The transfer for Raiders looks a bit rough and it's actually not the best looking film of the bunch. That's no surprise given the age of the film, the stock it was shot on, etc. Although this is digitally remastered with digital clean up, I think the laserdisc edition looks slightly better. Still, to have the entire film on one disc is a big plus and it looks worlds better than the VHS widescreen released a couple of years ago.
Temple of Doom is actually the first film chronologically but the second made. It's set in India where Indy must battle an evil cult that is worshipping the goddess Kali.

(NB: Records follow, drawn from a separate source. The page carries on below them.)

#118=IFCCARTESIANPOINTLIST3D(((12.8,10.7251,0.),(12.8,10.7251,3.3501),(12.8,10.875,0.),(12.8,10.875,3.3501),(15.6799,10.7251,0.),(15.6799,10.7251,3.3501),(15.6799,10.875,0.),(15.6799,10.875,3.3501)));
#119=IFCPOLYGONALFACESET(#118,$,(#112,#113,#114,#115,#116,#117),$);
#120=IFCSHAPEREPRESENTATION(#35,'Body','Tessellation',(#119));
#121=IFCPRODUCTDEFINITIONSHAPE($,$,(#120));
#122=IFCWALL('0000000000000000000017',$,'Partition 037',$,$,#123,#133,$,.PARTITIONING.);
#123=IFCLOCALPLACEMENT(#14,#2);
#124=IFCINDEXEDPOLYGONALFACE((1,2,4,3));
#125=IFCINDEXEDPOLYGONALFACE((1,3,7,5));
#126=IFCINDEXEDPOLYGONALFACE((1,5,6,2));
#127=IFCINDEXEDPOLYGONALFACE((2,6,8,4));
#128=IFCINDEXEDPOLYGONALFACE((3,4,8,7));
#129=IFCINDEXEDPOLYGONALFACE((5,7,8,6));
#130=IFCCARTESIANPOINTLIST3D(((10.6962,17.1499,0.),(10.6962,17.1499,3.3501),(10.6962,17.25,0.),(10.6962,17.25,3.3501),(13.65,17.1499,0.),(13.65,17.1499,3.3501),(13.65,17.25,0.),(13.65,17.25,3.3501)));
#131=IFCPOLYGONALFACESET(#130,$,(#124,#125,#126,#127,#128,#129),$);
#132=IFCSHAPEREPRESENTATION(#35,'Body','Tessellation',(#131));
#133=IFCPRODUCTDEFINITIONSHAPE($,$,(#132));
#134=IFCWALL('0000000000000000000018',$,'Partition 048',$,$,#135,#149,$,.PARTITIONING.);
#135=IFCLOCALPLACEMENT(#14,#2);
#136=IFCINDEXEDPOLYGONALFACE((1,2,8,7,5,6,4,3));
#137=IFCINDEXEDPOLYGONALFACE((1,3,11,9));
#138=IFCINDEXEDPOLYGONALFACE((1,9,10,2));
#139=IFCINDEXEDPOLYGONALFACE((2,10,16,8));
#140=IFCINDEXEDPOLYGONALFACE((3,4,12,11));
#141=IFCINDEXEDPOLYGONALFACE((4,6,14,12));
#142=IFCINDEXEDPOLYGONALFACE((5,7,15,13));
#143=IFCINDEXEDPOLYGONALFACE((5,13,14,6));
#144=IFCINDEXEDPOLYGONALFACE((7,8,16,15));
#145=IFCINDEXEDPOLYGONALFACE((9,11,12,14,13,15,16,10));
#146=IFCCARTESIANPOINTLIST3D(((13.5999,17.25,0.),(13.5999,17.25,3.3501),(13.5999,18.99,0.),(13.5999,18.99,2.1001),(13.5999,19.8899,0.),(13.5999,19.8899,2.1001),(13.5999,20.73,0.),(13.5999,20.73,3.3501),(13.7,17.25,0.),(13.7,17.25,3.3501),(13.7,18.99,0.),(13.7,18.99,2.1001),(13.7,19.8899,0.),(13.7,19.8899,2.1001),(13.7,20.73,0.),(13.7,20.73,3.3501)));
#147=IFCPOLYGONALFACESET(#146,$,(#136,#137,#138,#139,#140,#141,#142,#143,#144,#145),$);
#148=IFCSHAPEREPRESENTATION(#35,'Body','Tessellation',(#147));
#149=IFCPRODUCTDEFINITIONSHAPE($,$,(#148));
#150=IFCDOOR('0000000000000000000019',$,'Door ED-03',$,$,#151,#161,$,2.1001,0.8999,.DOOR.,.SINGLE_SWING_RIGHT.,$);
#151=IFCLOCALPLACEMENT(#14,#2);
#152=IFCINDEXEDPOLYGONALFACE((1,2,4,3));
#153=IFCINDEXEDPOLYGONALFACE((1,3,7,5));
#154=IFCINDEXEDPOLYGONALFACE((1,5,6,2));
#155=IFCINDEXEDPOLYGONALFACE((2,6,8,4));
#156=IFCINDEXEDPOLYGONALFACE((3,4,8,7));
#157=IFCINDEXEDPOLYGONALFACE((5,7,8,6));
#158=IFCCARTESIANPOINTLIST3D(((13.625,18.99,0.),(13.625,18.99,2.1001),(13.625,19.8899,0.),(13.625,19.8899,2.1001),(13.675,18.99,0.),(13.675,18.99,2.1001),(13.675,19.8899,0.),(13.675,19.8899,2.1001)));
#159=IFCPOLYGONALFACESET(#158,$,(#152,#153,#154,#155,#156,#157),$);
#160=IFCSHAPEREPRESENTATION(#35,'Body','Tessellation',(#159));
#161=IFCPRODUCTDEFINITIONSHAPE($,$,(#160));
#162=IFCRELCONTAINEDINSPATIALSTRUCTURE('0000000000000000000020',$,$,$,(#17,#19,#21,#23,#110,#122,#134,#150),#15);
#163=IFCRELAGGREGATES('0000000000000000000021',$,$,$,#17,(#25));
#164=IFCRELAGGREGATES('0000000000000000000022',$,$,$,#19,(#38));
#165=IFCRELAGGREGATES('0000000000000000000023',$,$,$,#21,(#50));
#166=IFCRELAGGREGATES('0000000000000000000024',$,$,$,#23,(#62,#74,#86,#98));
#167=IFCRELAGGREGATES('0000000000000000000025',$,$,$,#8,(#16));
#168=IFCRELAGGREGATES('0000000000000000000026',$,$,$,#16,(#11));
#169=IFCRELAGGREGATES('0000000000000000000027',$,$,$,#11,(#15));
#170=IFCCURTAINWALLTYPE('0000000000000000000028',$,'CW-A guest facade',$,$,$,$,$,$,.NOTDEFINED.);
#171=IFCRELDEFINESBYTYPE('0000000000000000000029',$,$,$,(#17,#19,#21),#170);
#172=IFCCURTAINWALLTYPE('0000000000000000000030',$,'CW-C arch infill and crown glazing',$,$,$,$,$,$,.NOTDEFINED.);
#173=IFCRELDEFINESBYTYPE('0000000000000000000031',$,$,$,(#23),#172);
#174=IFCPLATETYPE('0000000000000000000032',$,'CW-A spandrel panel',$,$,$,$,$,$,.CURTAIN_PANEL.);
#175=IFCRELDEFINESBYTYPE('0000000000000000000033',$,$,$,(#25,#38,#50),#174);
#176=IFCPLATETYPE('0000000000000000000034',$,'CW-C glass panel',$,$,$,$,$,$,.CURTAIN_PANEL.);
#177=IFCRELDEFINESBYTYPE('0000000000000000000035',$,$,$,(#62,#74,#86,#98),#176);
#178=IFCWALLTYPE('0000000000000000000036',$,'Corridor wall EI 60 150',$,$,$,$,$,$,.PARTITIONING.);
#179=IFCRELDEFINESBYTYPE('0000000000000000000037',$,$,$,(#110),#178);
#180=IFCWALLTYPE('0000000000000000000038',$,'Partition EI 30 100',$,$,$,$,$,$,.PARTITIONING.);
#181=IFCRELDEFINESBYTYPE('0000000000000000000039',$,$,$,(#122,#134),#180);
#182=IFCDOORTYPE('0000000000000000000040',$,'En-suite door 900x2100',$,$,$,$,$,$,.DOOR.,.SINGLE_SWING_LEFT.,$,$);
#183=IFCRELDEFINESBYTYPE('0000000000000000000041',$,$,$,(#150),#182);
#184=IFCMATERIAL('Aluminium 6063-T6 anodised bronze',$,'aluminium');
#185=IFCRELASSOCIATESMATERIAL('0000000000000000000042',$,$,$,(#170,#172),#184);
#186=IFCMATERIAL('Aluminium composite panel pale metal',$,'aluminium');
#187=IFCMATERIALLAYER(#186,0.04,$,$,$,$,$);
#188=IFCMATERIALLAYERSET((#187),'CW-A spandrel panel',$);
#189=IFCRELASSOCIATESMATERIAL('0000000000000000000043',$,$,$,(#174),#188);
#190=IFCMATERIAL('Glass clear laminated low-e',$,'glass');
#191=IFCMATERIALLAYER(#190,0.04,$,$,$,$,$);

The cult has also been enslaving the local population's children making them dig for the sacred stones lost when the cult was destroyed by British troops some time before.
A marvelous transfer with some minor digital and analog blemishes, Doom captures your attention from the opening song and dance number Anything Goes sung in Chinese. Although Kate Capshaw's character Willie is annoying (Lucas claims the dark tone of the film and the relationships were influenced by his ongoing divorce), Spielberg makes the set pieces the real stars of the film. The chase in the mine is a classic and was the basis for the Disney ride.

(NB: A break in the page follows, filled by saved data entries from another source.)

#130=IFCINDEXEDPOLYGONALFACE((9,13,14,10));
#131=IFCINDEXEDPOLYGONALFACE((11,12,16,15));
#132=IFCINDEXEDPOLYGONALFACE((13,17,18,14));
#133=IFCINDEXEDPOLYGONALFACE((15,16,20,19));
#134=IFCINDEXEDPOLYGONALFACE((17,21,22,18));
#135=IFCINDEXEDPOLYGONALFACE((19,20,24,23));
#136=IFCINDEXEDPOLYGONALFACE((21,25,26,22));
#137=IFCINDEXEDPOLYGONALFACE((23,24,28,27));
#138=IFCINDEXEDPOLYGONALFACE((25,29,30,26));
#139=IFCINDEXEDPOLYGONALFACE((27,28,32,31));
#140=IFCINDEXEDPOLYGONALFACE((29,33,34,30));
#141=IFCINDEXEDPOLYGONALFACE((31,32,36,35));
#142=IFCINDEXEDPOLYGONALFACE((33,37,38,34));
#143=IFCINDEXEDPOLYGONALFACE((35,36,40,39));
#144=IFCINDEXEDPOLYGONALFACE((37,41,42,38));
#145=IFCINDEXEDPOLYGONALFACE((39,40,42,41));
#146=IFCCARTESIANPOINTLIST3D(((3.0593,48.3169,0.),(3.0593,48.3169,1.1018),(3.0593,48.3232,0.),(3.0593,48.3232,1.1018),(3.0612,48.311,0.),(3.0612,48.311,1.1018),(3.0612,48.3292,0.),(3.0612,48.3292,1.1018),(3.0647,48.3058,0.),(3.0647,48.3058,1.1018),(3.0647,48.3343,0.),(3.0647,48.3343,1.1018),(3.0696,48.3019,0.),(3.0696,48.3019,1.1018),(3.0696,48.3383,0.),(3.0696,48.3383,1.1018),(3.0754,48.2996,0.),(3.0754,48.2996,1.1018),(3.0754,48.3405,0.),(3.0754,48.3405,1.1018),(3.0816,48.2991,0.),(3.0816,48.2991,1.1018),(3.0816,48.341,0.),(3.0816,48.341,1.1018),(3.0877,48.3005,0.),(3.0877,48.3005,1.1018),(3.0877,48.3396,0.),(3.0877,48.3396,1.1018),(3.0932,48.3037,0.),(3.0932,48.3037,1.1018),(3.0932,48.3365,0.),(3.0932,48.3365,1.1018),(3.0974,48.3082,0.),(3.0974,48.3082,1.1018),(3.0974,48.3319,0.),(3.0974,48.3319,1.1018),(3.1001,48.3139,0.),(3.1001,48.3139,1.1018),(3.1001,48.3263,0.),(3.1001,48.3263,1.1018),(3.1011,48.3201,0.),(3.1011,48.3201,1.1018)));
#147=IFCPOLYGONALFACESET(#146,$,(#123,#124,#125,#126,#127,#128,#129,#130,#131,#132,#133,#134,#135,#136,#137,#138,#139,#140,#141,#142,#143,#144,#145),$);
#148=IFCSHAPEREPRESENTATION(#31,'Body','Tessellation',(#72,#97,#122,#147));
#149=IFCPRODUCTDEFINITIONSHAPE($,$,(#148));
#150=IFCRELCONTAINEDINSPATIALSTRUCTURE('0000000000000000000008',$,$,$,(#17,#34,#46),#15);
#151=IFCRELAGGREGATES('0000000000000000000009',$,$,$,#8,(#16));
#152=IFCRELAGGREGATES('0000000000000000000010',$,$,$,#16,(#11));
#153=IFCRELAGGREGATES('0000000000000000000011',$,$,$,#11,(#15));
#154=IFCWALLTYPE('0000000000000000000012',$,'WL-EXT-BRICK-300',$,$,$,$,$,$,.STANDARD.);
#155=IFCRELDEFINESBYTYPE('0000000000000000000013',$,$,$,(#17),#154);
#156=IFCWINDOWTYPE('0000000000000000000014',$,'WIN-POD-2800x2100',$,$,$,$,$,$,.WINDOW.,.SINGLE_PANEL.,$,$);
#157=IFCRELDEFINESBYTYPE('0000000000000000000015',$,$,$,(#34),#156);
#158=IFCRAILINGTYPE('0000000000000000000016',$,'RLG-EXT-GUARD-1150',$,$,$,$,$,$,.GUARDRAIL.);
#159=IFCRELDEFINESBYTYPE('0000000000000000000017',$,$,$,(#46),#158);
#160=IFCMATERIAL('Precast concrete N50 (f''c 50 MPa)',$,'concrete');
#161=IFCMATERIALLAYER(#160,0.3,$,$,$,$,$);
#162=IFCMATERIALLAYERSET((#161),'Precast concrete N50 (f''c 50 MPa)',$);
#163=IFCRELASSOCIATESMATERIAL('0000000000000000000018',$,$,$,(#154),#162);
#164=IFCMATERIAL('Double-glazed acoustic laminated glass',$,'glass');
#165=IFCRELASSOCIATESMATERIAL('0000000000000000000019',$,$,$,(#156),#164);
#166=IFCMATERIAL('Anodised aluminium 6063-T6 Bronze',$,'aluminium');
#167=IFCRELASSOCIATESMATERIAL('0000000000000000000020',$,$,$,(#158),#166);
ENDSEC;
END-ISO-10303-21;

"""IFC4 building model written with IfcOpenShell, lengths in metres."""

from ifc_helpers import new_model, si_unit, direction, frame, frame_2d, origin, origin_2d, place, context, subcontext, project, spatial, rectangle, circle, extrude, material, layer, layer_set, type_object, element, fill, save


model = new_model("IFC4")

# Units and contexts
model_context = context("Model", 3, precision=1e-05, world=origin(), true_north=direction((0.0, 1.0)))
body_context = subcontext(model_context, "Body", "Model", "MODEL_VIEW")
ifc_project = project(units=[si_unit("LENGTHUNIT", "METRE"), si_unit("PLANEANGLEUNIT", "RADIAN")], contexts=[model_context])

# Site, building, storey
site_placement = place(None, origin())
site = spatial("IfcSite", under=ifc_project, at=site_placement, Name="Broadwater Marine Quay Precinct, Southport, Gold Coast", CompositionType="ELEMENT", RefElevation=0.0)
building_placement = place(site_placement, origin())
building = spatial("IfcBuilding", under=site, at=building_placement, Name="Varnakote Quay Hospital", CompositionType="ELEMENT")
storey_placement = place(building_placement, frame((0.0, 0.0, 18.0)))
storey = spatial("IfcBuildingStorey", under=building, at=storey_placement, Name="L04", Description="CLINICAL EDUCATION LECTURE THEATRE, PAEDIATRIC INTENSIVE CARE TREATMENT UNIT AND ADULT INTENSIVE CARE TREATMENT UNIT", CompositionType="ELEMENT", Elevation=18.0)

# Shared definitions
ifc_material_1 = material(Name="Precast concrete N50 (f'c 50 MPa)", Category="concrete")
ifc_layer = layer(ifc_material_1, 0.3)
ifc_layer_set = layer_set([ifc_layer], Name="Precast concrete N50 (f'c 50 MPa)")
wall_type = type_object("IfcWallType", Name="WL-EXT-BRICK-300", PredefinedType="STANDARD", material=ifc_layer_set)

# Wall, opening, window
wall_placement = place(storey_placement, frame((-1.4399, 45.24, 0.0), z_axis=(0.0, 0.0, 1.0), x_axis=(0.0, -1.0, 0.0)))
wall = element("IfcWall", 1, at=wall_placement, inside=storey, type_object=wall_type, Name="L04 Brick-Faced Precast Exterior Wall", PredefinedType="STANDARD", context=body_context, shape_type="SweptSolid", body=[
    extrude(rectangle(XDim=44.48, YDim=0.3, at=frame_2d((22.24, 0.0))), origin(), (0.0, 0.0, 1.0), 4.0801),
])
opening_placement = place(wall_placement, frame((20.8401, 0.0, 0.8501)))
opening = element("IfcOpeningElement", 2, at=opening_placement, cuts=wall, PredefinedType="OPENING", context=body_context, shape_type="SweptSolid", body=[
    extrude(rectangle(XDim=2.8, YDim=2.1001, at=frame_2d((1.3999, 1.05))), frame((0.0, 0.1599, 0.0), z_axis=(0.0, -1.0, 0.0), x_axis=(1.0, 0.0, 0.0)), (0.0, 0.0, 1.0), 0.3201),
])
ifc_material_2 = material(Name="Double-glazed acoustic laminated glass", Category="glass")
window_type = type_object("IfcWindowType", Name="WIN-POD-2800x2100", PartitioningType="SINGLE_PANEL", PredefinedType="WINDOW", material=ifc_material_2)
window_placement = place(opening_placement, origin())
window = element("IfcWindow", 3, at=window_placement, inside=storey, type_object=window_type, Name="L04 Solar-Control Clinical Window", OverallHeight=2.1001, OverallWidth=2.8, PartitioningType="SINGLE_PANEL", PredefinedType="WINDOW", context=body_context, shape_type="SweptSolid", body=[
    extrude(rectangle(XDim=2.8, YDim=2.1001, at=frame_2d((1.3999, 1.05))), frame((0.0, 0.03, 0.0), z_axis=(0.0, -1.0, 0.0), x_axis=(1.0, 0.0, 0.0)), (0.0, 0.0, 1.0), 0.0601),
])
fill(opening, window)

The Last Crusade is actually quite daring. Returning to the formula of the first film, Spielberg and screenwriter Jeffrey Boam turn the formula inside out in many respects. Spielberg had always wanted to make a Bond film (which is how he ended up making Raiders)so what better way to spice up the third film by casting Sean Connery (James Bond)in the role of Indy's headstrong father Professor Henry Jones.
While the first film is humorous, there's an adult humor at work here as well. Last Crusade deals with a lot of serious themes but in an entertaining manner. The opening sequence with the late River Phoenix playing the young Indy is a blast. We learn a bit about why Indy became the person he did. It's a brilliant gambit and adds considerable depth to the third film. While not as popular as Raiders, the character development and depth of the script is significantly greater than Raiders.
Last Crusade looks terrific although I did note some problems with picture crawl and some minor edge enhancement issues. It still looks and sounds great regardless of the minor flaws.
The interactive menu for all three films is quite clever; the images change from a "sketch" of what a character or scene would look like to the actual image from the film.
The fourth disc has all the extras. There's a number of featurettes on the stunts, opticals and music of the film. I was most interested, though, in the feature length documentary (which can also be viewed in three aparts to compliment the films). There's audition footage of Tom Selleck and Sean Young, Karen Allen and Tim Matheson as well as quite a bit of footage shot on the set during the sequence in the Well of Souls. Watching that footage wiil give you new respect for snake handlers.
On the whole Indy has never looked so good. Although I felt that Raiders didn't look quite as good as the other films, that's just a matter of critical opinion. The transfer looks exceptional despite some limitations/blemishes inherent in the DVD transfer process. Highly recommended.